Dans un contexte de craintes mondiales d'une guerre commerciale après l'imposition de droits de douane par Donald Trump, les chaînes d'approvisionnement pourraient être ciblées en représailles. Si les grandes entreprises disposent d'une cyberéquipe robuste, les petits fournisseurs qui ne disposent pas de ces ressources peuvent faciliter l'accès aux intrus.

Et tout cycle de cyberconflits de représailles, dans lequel un pays pirate un système sensible en riposte à une attaque antérieure, comporte un «risque élevé» pour toutes les parties impliquées, selon Sonu Shankar, un ancien chercheur au Laboratoire national de Los Alamos, aujourd'hui directeur de la stratégie chez Phosphorus Cybersecurity.

L'effet Trump

Alors que les experts en sécurité nationale et en cybersécurité affirment que les États-Unis devraient renforcer leurs défenses, le président Trump a appelé à des réductions d'effectifs et à d'autres changements au sein des agences chargées de protéger les intérêts américains dans le cyberespace.

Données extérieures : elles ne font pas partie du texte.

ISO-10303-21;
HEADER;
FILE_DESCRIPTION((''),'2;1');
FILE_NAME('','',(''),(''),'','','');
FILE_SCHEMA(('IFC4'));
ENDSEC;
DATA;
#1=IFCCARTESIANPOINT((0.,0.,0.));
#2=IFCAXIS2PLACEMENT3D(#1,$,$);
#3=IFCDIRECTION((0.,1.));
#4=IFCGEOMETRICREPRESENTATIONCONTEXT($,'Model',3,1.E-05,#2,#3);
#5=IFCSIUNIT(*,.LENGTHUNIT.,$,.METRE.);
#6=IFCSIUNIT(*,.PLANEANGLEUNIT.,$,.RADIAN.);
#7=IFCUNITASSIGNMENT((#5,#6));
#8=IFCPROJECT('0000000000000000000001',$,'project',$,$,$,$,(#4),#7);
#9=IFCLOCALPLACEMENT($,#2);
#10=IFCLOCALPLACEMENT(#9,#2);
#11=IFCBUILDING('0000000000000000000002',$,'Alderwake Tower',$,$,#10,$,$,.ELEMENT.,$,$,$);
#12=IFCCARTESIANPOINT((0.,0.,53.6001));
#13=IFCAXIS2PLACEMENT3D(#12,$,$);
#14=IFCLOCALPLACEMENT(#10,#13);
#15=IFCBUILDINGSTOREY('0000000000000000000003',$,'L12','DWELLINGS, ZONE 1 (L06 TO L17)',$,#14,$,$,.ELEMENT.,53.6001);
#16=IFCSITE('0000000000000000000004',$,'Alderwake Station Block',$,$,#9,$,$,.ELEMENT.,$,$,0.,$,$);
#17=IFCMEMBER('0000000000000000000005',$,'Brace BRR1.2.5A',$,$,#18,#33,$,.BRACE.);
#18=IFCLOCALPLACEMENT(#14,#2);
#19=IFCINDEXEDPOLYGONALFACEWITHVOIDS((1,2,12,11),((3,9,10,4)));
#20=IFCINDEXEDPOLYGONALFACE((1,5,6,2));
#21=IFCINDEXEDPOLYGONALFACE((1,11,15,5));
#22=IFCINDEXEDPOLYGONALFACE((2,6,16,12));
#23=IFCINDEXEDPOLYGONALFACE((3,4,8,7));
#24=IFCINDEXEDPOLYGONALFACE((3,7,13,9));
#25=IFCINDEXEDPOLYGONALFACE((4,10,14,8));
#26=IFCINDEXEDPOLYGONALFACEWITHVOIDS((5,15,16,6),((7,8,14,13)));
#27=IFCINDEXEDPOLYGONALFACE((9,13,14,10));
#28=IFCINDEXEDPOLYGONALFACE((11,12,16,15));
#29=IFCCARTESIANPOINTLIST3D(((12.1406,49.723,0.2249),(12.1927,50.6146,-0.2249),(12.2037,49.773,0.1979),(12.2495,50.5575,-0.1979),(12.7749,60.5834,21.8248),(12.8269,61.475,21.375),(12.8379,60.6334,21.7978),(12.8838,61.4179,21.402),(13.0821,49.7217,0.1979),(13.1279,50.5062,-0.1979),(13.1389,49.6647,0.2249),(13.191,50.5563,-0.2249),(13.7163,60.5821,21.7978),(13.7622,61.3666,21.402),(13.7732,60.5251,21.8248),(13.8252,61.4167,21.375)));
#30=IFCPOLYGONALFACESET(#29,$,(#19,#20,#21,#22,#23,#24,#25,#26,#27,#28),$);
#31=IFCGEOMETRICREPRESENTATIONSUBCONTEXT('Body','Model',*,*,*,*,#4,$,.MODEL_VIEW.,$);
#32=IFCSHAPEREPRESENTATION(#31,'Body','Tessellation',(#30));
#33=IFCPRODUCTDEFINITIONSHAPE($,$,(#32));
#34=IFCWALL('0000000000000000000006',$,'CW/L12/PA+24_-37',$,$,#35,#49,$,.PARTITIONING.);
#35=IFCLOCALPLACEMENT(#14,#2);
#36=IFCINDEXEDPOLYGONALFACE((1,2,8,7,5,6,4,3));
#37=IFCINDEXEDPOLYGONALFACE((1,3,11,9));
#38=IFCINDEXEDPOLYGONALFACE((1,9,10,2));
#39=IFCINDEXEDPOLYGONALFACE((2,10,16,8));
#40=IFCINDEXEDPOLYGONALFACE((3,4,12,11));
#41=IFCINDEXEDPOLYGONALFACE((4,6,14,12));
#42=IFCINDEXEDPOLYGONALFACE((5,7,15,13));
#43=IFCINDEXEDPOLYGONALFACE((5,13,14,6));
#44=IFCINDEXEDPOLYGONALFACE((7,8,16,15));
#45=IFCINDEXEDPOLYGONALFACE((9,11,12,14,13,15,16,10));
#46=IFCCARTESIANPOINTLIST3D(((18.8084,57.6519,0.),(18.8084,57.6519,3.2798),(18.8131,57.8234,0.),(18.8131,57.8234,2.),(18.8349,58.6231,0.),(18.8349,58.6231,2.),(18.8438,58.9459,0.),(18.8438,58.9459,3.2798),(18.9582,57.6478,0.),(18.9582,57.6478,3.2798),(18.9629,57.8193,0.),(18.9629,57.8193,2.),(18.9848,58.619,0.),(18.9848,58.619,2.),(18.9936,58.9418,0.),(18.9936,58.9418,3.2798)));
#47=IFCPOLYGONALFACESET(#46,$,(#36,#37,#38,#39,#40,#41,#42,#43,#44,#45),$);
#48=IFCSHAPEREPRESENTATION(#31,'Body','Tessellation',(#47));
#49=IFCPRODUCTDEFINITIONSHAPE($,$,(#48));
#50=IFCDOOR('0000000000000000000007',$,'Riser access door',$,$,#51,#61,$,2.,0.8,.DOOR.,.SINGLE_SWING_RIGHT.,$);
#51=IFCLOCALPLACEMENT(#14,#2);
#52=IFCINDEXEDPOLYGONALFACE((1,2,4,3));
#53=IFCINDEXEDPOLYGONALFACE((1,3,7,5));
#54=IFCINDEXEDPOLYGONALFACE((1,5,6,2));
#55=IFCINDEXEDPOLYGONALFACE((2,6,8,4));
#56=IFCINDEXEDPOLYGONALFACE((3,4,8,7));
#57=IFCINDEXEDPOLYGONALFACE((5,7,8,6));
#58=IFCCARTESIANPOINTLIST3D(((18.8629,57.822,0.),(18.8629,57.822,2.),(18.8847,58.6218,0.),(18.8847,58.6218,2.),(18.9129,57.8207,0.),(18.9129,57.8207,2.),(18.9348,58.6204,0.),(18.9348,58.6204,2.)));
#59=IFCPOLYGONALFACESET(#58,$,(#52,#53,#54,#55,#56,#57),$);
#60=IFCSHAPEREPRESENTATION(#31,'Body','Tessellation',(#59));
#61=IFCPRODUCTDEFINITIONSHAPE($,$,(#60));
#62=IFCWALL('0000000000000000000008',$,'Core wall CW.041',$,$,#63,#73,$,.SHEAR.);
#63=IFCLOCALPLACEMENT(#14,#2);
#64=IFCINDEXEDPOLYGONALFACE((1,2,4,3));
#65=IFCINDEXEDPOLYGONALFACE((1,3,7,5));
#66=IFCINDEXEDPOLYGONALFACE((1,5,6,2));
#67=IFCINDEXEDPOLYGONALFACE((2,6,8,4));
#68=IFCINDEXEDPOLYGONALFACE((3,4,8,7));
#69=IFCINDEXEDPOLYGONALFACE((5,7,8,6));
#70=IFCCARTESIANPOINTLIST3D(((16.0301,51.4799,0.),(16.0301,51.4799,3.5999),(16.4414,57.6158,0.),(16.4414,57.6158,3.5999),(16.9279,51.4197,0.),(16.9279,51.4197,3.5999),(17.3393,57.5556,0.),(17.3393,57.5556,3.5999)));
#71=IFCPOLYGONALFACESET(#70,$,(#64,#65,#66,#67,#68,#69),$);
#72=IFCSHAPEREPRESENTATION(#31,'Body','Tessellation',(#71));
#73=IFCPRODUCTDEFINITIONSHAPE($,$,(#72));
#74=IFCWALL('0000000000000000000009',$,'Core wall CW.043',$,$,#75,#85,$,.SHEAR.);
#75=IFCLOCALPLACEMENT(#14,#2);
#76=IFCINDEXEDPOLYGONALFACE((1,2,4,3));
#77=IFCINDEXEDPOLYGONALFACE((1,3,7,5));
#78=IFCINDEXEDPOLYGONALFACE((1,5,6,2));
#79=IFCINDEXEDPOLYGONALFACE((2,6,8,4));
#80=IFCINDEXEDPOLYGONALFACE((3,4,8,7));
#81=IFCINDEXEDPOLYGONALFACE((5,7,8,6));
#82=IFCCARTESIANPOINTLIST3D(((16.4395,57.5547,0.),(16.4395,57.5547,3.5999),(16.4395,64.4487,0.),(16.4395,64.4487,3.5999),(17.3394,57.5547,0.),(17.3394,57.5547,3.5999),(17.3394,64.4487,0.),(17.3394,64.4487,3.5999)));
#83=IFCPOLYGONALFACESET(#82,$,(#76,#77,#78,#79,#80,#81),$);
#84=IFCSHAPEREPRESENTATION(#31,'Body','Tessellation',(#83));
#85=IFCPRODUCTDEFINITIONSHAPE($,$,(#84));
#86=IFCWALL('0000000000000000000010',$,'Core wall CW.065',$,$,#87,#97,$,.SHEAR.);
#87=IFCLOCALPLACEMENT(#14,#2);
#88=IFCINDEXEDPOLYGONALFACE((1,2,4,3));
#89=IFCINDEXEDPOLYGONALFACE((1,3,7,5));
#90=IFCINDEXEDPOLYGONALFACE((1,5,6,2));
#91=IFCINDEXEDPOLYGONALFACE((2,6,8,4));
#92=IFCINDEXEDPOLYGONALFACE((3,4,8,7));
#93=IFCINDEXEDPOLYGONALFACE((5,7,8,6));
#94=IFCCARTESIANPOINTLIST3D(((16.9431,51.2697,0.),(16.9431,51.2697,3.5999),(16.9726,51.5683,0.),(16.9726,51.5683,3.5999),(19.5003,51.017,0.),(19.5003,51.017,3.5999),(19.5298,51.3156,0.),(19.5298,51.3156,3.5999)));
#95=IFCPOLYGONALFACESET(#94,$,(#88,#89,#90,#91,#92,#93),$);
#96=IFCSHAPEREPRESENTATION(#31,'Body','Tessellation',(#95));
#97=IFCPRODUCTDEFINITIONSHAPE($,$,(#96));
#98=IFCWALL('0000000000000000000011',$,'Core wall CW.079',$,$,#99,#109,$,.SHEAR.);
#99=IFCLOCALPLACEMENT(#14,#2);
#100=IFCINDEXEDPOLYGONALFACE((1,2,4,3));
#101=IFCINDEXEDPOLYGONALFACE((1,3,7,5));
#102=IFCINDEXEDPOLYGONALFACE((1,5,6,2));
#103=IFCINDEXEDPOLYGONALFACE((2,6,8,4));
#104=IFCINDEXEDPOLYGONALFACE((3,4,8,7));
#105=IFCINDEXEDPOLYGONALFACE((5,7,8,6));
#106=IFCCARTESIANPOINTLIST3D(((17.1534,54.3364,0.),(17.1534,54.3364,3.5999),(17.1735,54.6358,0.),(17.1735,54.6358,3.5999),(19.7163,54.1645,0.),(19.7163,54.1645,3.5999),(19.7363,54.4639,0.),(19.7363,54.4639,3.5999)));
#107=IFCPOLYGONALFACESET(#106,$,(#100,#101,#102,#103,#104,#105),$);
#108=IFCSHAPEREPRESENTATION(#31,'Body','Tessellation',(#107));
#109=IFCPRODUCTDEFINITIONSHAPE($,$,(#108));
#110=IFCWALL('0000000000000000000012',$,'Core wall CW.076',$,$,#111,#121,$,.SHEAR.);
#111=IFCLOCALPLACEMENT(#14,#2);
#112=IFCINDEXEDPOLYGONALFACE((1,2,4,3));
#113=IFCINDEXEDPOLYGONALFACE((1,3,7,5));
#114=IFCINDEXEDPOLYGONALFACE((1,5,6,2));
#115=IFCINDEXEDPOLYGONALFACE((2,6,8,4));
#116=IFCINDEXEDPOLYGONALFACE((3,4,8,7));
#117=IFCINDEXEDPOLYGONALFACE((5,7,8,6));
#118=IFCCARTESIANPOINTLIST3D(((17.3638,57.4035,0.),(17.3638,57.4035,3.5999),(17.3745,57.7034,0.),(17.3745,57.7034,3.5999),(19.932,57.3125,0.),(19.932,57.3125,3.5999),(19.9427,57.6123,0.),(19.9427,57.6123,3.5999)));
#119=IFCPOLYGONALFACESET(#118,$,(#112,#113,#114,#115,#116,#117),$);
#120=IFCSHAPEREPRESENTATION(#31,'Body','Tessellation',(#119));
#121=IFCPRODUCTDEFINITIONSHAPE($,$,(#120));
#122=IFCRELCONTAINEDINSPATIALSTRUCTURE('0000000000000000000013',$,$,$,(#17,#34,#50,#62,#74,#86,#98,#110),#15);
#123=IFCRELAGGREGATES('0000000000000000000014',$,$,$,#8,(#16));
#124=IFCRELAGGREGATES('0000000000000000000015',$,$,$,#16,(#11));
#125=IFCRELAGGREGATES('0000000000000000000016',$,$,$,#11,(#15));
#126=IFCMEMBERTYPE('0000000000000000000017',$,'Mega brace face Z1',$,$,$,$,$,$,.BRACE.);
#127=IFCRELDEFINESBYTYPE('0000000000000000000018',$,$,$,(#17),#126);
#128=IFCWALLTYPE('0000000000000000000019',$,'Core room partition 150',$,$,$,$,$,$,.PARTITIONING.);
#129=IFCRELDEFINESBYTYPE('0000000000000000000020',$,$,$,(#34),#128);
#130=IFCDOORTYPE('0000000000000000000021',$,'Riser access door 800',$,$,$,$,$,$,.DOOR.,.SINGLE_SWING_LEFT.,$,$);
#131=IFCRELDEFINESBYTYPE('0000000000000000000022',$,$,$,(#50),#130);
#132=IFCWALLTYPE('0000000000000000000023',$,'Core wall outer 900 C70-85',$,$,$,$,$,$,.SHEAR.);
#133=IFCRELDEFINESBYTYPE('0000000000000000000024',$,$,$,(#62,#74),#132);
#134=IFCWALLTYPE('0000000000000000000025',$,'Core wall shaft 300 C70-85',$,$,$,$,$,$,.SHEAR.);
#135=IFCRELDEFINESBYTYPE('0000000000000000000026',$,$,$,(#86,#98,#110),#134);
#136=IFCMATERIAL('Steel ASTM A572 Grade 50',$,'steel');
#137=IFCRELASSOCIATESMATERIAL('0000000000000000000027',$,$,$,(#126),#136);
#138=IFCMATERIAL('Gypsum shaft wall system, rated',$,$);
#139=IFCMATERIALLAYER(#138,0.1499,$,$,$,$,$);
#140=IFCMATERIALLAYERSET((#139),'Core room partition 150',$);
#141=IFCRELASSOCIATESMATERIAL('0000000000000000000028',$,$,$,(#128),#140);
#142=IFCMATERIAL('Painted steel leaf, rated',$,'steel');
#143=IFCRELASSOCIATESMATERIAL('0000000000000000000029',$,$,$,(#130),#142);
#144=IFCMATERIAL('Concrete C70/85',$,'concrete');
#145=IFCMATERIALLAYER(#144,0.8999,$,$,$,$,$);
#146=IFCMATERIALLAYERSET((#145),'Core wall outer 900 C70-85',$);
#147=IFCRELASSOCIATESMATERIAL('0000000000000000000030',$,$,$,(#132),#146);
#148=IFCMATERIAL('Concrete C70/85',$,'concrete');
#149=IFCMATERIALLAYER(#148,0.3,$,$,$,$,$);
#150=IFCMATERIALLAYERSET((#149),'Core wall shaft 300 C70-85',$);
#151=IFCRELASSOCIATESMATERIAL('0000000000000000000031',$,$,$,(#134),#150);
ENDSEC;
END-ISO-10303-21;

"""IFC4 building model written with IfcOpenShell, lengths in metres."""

from ifc_helpers import new_model, si_unit, direction, frame, frame_2d, origin, origin_2d, place, context, subcontext, project, spatial, rectangle, hollow_rectangle, extrude, material, layer, layer_set, material_profile, profile_set, type_object, element, fill, save


model = new_model("IFC4")

# Units and contexts
model_context = context("Model", 3, precision=1e-05, world=origin(), true_north=direction((0.0, 1.0)))
body_context = subcontext(model_context, "Body", "Model", "MODEL_VIEW")
ifc_project = project(units=[si_unit("LENGTHUNIT", "METRE"), si_unit("PLANEANGLEUNIT", "RADIAN")], contexts=[model_context])

# Site, building, storey
site_placement = place(None, origin())
site = spatial("IfcSite", under=ifc_project, at=site_placement, Name="Alderwake Station Block", CompositionType="ELEMENT", RefElevation=0.0)
building_placement = place(site_placement, origin())
building = spatial("IfcBuilding", under=site, at=building_placement, Name="Alderwake Tower", CompositionType="ELEMENT")
storey_placement = place(building_placement, frame((0.0, 0.0, 53.6001)))
storey = spatial("IfcBuildingStorey", under=building, at=storey_placement, Name="L12", Description="DWELLINGS, ZONE 1 (L06 TO L17)", CompositionType="ELEMENT", Elevation=53.6001)

# Member
ifc_material_1 = material(Name="Steel ASTM A572 Grade 50", Category="steel")
ifc_material_profile_1 = material_profile(ifc_material_1, hollow_rectangle(XDim=1.0, YDim=1.0, WallThickness=0.0601, at=origin_2d()), Name="BOX 1000X1000X60")
ifc_profile_set_1 = profile_set([ifc_material_profile_1], Name="Steel ASTM A572 Grade 50")
member_type = type_object("IfcMemberType", Name="Mega brace face Z1", PredefinedType="BRACE", material=ifc_profile_set_1)
member_placement = place(storey_placement, frame((12.6658, 50.1396, 0.0), z_axis=(0.026226, 0.449057, 0.893118), x_axis=(-0.998299, 0.058304, 0.0)))
element("IfcMember", 1, at=member_placement, inside=storey, type_object=member_type, Name="Brace BRR1.2.5A", PredefinedType="BRACE", context=body_context, shape_type="SweptSolid", body=[
    extrude(hollow_rectangle(XDim=1.0, YDim=1.0, WallThickness=0.0601, at=origin_2d()), origin(), (0.0, 0.0, 1.0), 24.1848),
])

Par exemple, il a récemment limogé le général Timothy Haugh, qui supervisait la NSA et le Cyber Command du Pentagone.

À la demande de Donald Trump, l'Agence américaine de cybersécurité et de sécurité des infrastructures a mis en congé des membres du personnel travaillant sur la sécurité des élections et a réduit de plusieurs millions de dollars le financement des programmes de cybersécurité pour les élections locales et régionales. 

Son administration a supprimé le Centre d'engagement mondial du département d'État, qui traquait et dénonçait la désinformation étrangère en ligne. La CIA, la NSA et d'autres agences de renseignement ont également subi des réductions d'effectifs.

L'administration Trump a été confrontée à de nouvelles interrogations quant à son sérieux en matière de cybersécurité lorsque de hauts responsables ont utilisé la populaire application de messagerie Signal, à la fin mars, pour discuter d'informations sensibles concernant des frappes militaires à venir au Yémen. 

Les responsables de la cybersécurité insistent sur le fait que les changements apportés par Donald Trump renforceront la sécurité des États-Unis, tout en éliminant les dépenses inutiles et les réglementations confuses.

Le Pentagone, par exemple, a investi dans l'exploitation de l'intelligence artificielle pour améliorer sa cyberdéfense, selon un rapport remis au Congrès par le lieutenant-général William J. Hartman, commandant par intérim de la NSA et du Cyber Command.

Les changements apportés à l'Agence de cybersécurité et de sécurité des infrastructures interviennent alors que ses dirigeants réfléchissent à la meilleure façon d'exécuter leur mission en accord avec les priorités de l'administration, selon un communiqué de la CISA.

«En tant qu'Agence américaine de cyberdéfense, nous restons déterminés à assurer la protection des infrastructures critiques du pays contre toutes les menaces cybernétiques et physiques. Nous continuerons de collaborer avec nos partenaires du gouvernement et de l'industrie et nos alliés internationaux afin de renforcer les efforts mondiaux en matière de cybersécurité et de protéger le peuple américain contre les adversaires étrangers, les cybercriminels et autres menaces émergentes», peut-on lire dans le communiqué.